I’m evaluating MongoDB change stream or trigger for supporting auditing. Any changes to the database MUST be logged into an audit history collection. How reliable is it if using change streams or Atlas triggers to log changes to the audit history? In what circumstances it may cause data loss such that committed data changes would not able to be logged?
In terms of change stream, it should be very reliable. It works using the oplog as a data source.
In terms of Atlas triggers, it also should fire when specified.
In my opinion, I would encourage you to test both solutions thoroughly with your workload. If you find that there are missing events, you should definitely report it as a possible bug.
If the operation identified by the resume token passed to the
startAfteroption has already dropped off the oplog,
db.collection.watch()cannot resume the change stream.
So it is theoretically possible to lose events since opLogs are not persisted forever. For example, your change stream connection is broken and before you get a chance to reestablish it, the oplog is gone in the too busy server.
Correct, but this is not the issue of change stream or Atlas triggers. This basically means that the oplog was not sized correctly for the workload, or if it does, there was a catastrophic issue that went unresolved for a long time, enough time until the oplog gets rolled over.
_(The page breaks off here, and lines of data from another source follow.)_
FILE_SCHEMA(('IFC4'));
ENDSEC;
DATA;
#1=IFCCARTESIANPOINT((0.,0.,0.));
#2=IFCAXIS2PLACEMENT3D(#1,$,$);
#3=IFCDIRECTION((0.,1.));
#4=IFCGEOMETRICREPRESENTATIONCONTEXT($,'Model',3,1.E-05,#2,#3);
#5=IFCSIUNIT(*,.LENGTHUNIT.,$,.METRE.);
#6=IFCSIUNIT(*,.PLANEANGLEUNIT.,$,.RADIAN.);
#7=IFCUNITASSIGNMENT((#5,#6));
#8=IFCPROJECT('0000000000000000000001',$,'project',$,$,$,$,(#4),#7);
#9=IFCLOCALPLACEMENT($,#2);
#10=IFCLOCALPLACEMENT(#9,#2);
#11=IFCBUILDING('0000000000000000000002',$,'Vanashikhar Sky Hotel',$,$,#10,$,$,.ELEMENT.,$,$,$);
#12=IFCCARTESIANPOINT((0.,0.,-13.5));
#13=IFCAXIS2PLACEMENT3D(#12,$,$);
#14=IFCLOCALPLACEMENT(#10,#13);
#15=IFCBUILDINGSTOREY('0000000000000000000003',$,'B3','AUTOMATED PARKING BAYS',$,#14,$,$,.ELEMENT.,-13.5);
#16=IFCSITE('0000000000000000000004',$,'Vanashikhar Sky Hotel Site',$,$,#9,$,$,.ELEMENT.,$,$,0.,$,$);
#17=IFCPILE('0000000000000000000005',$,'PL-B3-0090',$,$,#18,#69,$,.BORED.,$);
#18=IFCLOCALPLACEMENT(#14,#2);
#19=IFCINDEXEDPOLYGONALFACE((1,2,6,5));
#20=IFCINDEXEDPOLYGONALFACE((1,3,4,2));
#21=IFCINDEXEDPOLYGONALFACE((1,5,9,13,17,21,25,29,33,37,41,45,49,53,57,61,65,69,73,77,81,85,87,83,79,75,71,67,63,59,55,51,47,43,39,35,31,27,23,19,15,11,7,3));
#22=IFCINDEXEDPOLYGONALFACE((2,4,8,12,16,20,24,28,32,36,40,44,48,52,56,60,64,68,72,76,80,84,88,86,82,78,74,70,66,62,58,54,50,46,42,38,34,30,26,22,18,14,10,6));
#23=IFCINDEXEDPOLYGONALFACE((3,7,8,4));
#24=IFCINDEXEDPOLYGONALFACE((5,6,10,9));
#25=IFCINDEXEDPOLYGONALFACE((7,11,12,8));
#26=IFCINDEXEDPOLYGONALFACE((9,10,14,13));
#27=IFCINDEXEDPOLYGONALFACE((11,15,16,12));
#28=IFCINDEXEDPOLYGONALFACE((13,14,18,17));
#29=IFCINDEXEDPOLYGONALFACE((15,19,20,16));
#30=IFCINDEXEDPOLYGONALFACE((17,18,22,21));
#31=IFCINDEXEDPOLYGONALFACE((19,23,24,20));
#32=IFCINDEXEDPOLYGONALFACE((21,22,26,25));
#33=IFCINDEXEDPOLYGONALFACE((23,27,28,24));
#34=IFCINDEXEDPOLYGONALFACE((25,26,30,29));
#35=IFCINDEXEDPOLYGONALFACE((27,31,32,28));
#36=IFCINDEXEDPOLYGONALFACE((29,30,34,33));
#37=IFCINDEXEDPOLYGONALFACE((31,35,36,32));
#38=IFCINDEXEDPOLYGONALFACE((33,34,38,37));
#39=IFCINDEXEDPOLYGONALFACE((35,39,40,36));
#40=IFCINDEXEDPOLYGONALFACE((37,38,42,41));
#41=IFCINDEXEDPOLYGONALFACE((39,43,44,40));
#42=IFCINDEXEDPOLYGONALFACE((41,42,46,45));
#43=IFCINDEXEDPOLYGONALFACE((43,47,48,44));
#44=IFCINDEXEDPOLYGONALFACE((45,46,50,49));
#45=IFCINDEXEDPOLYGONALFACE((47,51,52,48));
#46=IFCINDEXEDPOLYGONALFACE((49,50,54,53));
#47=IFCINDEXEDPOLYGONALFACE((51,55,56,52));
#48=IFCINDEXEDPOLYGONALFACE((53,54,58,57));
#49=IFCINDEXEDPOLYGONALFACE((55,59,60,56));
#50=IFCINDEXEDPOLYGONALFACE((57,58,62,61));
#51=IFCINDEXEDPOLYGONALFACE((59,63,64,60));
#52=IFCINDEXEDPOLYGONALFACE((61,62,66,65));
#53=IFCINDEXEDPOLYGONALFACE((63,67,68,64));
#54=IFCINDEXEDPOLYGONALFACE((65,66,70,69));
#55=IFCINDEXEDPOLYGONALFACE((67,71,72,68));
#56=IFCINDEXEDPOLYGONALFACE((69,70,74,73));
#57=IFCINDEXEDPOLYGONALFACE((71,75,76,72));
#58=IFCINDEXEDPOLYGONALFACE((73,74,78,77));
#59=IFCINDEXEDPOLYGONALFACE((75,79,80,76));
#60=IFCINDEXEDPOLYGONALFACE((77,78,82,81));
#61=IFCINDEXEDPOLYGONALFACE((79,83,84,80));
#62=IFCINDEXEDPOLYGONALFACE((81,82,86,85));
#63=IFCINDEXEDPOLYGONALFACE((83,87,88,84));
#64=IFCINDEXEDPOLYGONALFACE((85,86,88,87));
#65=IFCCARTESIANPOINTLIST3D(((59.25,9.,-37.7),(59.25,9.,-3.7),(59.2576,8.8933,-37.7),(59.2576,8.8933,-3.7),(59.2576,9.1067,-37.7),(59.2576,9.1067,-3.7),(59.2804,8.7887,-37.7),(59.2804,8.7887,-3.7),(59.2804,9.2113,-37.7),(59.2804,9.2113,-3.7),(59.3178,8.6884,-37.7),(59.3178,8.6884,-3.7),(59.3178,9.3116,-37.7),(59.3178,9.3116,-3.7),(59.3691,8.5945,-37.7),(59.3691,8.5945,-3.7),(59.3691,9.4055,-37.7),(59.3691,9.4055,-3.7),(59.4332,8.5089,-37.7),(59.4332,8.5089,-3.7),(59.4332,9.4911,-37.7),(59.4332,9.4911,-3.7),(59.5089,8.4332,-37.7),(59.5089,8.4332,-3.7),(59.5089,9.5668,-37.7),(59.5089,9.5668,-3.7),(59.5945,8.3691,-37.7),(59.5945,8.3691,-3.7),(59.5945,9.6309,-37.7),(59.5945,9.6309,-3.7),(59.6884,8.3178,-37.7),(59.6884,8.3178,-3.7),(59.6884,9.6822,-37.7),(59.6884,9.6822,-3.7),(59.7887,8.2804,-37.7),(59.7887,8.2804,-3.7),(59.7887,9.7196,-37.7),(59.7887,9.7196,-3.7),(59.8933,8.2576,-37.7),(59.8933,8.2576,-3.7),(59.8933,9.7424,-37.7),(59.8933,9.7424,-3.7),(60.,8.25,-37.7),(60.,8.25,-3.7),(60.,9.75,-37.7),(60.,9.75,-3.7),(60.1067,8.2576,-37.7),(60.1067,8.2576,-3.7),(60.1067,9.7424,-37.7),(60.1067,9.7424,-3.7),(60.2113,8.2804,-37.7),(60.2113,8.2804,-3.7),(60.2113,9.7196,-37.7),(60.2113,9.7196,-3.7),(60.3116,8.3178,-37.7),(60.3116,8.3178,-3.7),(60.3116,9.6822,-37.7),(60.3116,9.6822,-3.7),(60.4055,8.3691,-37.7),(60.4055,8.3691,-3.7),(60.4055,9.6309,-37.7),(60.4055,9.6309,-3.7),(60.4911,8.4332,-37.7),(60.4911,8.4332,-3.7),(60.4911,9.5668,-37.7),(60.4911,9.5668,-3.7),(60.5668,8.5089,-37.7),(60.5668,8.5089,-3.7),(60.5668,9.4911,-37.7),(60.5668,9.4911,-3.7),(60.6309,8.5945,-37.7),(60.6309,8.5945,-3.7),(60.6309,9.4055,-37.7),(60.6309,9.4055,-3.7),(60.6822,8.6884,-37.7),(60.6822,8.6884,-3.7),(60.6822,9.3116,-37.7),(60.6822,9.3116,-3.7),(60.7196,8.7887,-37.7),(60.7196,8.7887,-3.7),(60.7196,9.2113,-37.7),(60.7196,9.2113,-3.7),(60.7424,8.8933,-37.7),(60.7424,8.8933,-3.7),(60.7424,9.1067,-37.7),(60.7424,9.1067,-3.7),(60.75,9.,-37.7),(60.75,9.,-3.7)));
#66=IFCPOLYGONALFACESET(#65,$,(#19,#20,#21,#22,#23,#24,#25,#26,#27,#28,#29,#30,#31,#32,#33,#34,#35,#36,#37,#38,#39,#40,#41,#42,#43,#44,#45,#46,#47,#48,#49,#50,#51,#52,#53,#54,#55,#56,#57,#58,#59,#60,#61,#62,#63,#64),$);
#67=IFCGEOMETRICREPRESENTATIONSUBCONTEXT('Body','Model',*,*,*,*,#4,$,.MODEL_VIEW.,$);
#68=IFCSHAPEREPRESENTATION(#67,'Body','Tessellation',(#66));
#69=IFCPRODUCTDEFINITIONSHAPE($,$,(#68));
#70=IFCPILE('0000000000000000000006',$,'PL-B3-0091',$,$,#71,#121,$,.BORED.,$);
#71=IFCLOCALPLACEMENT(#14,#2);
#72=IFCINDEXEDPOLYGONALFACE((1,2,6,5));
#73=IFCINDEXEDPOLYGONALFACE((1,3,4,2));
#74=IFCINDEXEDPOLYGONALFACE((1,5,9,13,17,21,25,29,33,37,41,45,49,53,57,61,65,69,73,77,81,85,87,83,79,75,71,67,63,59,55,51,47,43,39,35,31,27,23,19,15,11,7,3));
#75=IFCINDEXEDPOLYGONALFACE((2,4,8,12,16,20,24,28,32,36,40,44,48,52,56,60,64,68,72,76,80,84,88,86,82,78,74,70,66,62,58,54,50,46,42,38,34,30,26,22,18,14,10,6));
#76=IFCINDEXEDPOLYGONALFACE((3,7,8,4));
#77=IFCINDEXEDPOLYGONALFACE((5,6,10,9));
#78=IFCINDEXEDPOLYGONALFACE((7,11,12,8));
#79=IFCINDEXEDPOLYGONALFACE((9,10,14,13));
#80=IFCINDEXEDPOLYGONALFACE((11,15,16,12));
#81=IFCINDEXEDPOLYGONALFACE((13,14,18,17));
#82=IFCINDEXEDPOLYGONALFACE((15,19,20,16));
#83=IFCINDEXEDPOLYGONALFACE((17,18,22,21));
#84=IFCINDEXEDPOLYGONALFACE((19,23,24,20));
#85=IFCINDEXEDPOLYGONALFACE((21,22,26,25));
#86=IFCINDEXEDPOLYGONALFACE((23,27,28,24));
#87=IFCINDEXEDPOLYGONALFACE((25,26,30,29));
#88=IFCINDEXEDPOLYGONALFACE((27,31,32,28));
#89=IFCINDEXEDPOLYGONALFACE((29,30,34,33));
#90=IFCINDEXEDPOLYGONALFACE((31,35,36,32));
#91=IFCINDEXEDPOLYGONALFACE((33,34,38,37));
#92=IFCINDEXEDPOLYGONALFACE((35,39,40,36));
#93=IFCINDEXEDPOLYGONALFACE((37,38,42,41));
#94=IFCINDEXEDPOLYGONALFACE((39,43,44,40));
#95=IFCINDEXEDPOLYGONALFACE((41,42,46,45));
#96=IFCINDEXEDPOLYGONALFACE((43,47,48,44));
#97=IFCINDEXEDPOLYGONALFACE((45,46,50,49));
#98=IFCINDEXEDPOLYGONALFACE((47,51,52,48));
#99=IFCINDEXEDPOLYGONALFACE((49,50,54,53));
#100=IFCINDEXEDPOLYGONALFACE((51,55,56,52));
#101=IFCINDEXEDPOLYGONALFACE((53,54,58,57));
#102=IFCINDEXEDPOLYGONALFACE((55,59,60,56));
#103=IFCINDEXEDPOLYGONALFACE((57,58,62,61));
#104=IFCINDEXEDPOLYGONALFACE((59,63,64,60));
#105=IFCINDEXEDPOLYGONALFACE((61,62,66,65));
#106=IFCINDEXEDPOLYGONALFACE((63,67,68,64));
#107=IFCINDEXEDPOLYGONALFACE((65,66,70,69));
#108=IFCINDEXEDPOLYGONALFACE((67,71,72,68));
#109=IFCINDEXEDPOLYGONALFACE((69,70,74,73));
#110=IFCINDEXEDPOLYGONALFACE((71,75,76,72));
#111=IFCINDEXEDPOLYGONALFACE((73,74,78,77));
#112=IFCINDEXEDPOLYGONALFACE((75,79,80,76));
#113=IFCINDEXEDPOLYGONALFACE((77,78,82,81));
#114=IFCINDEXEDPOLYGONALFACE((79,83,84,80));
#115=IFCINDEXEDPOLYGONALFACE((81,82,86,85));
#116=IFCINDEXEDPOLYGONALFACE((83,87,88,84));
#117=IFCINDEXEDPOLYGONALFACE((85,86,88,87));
At this point, the whole replica set would have issues, not only the change stream
that’s a fair enough point.
But I would personally prefer ingesting the change stream event to a message queue (e.g. kafka) and set up consumers on the other end of the queue. (and look like mongodb already has its support)
By doing this, the event will not be lost before the application processes it, and the “change stream traffic” will never swamp the observer side (imagine there are too many events and the simple change stream cursor from mongo shell is not able to catch up with it)
Thank you all for the great suggestions!